Hojicha Panna Cotta Parfait (Print)

Creamy hojicha-infused panna cotta layered with fresh berries and crunchy granola creates an elegant Japanese fusion dessert with delicate roasted tea flavors and satisfying textures.

# Components:

→ Hojicha Panna Cotta

01 - 1⅔ cups heavy cream
02 - ⅖ cup whole milk
03 - 2 tablespoons hojicha tea leaves
04 - ¼ cup granulated sugar
05 - 1½ teaspoons powdered gelatin
06 - 2 tablespoons cold water
07 - 1 teaspoon vanilla extract

→ Berry Layer

08 - 1 cup mixed fresh berries
09 - 1 tablespoon sugar, optional

→ Granola Layer

10 - ⅔ cup granola

# Method:

01 - Sprinkle powdered gelatin over cold water in a small bowl and allow to bloom for 5 minutes until fully hydrated.
02 - Combine heavy cream and whole milk in a saucepan.
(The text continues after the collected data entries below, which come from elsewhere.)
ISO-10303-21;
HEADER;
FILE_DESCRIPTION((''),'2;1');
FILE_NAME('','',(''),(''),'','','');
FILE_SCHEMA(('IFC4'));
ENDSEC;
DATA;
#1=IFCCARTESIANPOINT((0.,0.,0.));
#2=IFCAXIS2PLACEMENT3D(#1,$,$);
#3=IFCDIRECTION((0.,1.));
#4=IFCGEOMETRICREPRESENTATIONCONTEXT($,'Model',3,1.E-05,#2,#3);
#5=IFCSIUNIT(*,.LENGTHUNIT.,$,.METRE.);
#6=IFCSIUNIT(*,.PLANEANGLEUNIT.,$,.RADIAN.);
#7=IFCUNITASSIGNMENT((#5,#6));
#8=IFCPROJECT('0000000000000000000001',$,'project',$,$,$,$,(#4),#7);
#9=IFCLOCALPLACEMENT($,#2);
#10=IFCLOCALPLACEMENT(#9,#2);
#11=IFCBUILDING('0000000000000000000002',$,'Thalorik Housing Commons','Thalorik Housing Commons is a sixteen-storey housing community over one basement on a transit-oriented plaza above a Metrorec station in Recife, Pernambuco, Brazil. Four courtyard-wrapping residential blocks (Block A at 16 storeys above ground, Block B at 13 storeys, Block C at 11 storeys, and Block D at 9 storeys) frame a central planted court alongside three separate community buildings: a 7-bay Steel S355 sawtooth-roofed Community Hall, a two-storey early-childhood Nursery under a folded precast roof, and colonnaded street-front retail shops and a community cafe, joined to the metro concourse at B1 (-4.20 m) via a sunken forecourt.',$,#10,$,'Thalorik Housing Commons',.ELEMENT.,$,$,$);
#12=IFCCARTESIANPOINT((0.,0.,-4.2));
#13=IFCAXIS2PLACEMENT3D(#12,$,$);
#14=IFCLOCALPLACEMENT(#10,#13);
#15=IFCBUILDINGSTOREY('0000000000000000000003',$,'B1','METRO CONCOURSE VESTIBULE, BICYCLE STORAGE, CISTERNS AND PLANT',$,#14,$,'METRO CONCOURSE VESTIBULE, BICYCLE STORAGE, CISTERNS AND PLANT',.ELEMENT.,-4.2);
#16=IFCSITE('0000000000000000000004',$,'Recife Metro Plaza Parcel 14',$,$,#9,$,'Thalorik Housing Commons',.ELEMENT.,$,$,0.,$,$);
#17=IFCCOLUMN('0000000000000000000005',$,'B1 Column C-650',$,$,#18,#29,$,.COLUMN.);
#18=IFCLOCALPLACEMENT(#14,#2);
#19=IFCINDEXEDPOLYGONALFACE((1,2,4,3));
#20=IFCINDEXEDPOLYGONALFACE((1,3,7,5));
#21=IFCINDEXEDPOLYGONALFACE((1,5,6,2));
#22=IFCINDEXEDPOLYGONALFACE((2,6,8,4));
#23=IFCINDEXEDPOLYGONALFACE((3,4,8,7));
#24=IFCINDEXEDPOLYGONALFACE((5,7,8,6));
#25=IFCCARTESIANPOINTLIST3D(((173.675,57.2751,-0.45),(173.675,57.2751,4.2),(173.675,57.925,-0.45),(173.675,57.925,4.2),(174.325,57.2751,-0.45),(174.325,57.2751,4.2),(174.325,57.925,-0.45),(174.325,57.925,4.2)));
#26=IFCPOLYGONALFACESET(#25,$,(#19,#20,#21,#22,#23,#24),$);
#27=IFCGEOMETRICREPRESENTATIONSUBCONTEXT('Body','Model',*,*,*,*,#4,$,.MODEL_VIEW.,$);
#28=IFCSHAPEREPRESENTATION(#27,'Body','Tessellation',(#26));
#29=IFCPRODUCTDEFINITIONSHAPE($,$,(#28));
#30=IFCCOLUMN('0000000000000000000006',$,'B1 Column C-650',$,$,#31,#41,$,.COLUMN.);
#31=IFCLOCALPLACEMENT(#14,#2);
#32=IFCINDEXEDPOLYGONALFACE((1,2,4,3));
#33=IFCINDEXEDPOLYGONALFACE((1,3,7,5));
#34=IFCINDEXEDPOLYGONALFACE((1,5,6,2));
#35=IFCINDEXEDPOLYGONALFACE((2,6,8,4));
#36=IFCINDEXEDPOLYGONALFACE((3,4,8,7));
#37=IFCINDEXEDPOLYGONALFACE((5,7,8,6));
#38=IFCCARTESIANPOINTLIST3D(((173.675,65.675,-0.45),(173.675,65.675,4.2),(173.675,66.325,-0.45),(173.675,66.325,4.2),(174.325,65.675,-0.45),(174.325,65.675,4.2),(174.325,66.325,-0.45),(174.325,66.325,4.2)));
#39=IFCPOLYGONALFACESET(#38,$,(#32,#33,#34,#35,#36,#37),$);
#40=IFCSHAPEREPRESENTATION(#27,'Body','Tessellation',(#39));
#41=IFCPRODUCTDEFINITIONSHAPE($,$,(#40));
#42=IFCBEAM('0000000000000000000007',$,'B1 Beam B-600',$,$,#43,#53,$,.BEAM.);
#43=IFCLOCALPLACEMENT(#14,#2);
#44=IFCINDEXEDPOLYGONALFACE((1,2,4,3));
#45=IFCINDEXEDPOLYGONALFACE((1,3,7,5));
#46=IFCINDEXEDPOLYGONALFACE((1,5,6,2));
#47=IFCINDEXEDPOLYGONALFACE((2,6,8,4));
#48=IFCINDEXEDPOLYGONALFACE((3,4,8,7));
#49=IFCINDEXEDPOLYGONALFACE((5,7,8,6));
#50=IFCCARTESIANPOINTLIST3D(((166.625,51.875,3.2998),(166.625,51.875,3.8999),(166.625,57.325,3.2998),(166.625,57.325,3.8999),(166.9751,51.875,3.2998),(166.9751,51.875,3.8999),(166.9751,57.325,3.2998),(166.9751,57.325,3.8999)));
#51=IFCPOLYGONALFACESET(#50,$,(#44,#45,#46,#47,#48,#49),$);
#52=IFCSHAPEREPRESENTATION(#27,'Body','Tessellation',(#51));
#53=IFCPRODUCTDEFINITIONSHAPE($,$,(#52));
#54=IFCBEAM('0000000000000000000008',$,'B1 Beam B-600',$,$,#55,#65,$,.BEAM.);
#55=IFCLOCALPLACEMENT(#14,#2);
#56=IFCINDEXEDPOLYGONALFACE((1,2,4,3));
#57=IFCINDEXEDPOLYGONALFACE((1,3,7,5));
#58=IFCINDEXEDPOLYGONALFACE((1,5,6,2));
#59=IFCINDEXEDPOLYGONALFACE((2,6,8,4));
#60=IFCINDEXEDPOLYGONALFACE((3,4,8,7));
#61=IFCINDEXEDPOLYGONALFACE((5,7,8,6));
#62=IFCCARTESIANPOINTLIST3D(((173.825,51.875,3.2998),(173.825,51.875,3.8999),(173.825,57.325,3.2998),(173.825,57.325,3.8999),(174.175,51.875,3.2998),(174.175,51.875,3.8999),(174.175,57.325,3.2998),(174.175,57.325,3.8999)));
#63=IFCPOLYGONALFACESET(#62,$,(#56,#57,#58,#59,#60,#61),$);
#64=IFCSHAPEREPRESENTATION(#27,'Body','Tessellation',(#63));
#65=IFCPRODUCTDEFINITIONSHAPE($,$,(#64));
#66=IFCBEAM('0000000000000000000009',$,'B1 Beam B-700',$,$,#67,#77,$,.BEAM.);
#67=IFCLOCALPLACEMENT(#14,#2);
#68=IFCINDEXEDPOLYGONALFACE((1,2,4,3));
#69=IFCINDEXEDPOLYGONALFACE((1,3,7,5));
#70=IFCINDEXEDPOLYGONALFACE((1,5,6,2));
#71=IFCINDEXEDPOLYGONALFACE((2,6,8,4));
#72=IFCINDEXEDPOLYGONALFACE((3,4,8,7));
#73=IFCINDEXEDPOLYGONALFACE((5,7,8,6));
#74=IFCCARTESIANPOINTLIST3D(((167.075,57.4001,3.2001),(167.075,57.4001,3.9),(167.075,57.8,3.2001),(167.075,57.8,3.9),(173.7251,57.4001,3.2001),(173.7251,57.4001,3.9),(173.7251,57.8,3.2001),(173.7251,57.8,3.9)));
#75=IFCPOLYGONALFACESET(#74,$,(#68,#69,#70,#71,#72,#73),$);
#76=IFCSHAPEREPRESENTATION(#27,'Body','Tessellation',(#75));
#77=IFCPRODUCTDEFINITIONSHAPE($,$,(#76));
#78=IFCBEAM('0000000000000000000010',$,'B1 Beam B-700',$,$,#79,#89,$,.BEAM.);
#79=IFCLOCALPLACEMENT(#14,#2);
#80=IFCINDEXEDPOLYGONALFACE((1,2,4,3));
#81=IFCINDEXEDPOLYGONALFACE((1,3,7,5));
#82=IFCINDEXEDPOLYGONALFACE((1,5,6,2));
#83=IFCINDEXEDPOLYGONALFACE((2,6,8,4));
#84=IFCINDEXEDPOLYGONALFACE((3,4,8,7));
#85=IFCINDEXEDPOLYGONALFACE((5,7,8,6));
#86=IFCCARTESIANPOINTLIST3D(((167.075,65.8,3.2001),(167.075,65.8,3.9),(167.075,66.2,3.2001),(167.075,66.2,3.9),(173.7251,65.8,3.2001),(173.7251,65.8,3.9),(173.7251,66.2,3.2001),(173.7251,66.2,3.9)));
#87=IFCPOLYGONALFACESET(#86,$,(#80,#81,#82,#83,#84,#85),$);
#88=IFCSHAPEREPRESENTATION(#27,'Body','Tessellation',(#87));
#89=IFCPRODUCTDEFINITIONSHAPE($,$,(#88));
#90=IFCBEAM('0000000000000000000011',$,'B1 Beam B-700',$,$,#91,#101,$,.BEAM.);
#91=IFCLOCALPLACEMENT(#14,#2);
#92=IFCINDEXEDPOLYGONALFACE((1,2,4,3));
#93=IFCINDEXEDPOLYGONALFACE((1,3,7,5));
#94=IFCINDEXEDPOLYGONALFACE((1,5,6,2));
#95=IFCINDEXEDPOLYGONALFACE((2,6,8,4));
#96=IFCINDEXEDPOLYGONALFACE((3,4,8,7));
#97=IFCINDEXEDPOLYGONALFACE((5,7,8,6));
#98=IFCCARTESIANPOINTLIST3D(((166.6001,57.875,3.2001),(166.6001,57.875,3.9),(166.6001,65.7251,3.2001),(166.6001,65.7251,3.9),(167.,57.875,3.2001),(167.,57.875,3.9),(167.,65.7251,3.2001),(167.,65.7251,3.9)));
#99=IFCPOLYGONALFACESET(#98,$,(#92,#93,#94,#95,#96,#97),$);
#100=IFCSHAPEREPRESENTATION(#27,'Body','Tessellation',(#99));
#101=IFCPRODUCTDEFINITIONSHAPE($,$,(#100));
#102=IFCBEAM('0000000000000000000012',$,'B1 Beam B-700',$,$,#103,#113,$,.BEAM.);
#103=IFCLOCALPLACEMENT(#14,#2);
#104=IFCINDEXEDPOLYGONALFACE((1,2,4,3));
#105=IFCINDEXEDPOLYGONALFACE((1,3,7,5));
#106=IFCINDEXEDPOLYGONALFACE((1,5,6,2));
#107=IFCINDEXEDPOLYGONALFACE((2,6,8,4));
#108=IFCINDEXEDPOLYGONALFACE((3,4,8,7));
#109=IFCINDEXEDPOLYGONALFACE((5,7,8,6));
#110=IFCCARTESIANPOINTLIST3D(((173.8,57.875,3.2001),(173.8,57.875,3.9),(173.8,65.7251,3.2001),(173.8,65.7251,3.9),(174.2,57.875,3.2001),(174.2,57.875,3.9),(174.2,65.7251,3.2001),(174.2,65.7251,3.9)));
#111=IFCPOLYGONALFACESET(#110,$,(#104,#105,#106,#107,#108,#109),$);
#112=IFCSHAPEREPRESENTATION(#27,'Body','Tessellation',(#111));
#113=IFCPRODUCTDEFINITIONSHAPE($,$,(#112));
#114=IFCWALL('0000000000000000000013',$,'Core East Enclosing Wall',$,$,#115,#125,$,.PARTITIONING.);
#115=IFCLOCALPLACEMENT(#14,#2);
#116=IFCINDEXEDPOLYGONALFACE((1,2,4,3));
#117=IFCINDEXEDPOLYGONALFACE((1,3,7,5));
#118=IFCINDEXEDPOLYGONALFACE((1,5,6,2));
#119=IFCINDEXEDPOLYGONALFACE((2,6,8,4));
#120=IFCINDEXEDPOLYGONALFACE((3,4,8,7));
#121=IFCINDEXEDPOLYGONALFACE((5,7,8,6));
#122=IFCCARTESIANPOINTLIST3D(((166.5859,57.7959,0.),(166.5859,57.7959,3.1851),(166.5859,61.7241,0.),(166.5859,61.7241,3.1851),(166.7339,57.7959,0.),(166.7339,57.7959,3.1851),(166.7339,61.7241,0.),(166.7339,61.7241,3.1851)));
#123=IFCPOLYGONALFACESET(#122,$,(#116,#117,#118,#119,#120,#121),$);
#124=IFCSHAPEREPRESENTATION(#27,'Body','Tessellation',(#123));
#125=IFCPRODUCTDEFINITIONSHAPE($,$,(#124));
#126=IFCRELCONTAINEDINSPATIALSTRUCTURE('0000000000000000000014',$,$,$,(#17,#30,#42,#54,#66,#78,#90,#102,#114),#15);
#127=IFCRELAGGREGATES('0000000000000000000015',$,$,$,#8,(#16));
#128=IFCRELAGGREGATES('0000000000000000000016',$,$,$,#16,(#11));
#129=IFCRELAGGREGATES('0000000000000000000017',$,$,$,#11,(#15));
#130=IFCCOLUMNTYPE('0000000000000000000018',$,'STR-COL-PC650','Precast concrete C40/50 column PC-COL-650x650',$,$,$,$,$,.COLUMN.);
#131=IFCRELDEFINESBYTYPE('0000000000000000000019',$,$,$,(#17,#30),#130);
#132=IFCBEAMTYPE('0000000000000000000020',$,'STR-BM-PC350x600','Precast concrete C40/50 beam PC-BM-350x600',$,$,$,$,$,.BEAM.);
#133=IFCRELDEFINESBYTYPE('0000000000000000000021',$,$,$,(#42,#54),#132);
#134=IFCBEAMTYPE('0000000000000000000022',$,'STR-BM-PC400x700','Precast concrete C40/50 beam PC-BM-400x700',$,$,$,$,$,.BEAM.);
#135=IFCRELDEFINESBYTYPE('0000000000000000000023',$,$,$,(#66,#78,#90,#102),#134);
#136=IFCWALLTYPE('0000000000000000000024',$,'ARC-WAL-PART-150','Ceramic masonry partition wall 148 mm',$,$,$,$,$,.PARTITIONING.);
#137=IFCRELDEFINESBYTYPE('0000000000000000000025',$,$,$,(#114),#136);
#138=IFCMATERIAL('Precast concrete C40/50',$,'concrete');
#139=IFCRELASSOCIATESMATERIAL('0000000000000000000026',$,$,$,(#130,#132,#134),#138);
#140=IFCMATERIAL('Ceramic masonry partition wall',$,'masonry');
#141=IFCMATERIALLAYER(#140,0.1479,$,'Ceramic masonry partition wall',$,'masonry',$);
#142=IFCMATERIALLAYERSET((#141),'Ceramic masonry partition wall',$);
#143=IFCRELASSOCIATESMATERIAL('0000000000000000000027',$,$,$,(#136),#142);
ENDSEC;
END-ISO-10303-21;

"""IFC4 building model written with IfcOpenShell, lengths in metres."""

from ifc_helpers import new_model, si_unit, direction, frame, frame_2d, origin, origin_2d, place, context, subcontext, project, spatial, rectangle, extrude, material, layer, layer_set, material_profile, profile_set, type_object, element, save


model = new_model("IFC4")

# Units and contexts
model_context = context("Model", 3, precision=1e-05, world=origin(), true_north=direction((0.0, 1.0)))
body_context = subcontext(model_context, "Body", "Model", "MODEL_VIEW")
ifc_project = project(units=[si_unit("LENGTHUNIT", "METRE"), si_unit("PLANEANGLEUNIT", "RADIAN")], contexts=[model_context])

# Site, building, storey
site_placement = place(None, origin())
site = spatial("IfcSite", under=ifc_project, at=site_placement, Name="Recife Metro Plaza Parcel 14", LongName="Thalorik Housing Commons", CompositionType="ELEMENT", RefElevation=0.0)
building_placement = place(site_placement, origin())
building = spatial("IfcBuilding", under=site, at=building_placement, Name="Thalorik Housing Commons", Description="Thalorik Housing Commons is a sixteen-storey housing community over one basement on a transit-oriented plaza above a Metrorec station in Recife, Pernambuco, Brazil. Four courtyard-wrapping residential blocks (Block A at 16 storeys above ground, Block B at 13 storeys, Block C at 11 storeys, and Block D at 9 storeys) frame a central planted court alongside three separate community buildings: a 7-bay Steel S355 sawtooth-roofed Community Hall, a two-storey early-childhood Nursery under a folded precast roof, and colonnaded street-front retail shops and a community cafe, joined to the metro concourse at B1 (-4.20 m) via a sunken forecourt.", LongName="Thalorik Housing Commons", CompositionType="ELEMENT")
storey_placement = place(building_placement, frame((0.0, 0.0, -4.2)))
storey = spatial("IfcBuildingStorey", under=building, at=storey_placement, Name="B1", Description="METRO CONCOURSE VESTIBULE, BICYCLE STORAGE, CISTERNS AND PLANT", LongName="METRO CONCOURSE VESTIBULE, BICYCLE STORAGE, CISTERNS AND PLANT", CompositionType="ELEMENT", Elevation=-4.2)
Heat gently over medium heat until the mixture reaches just below boiling point.
03 - Add hojicha tea leaves to the hot cream mixture and cover the saucepan. Let steep for 10 minutes to fully infuse the roasted tea flavor.
04 - Strain the cream mixture through a fine mesh sieve, pressing gently on the tea leaves to extract maximum flavor. Discard spent leaves. Return infused cream to saucepan and add sugar. Heat until sugar dissolves completely without bringing to a boil.
05 - Remove saucepan from heat. Stir in bloomed gelatin until fully dissolved and smooth. Add vanilla extract and mix until combined.
06 - Divide the hojicha cream mixture evenly among 4 serving glasses, filling each just under halfway. Transfer to refrigerator and chill for at least 4 hours until completely set.
07 - While panna cotta chills, combine mixed berries with sugar if desired. Allow to macerate for 10 minutes to release natural juices.
08 - Once panna cotta is fully set, spoon a layer of granola over each serving, followed by a generous portion of macerated berries with their juices.
09 - Optionally create additional layers for height and visual appeal. Serve immediately while granola remains crisp and all elements are well-chilled.

# Expert Advice:

01 -
  • The hojicha flavor is subtle and sophisticated, nothing like the heavy tea drinks that overpower your palate.
  • Most of the work happens while you sleep—just chill it overnight and layer right before serving.
  • You get four different textures in one spoon, which somehow makes eating dessert feel like an actual experience.
02 -
  • Don't skip the blooming step with gelatin—I once tried to just dump it in and ended up with a grainy texture that no amount of whisking could fix.
  • The hojicha flavor is delicate and gets lost if you steep it longer than 10 minutes, so set a timer or you'll overbruin it and turn the whole thing bitter.
03 -
  • Make your own granola if you have 30 minutes—it stays crunchier longer than store-bought and you can control the sweetness so it doesn't compete with the delicate hojicha.
  • Chill your serving glasses in the freezer for 10 minutes before pouring in the panna cotta mixture; it sets faster and more evenly on a cold surface.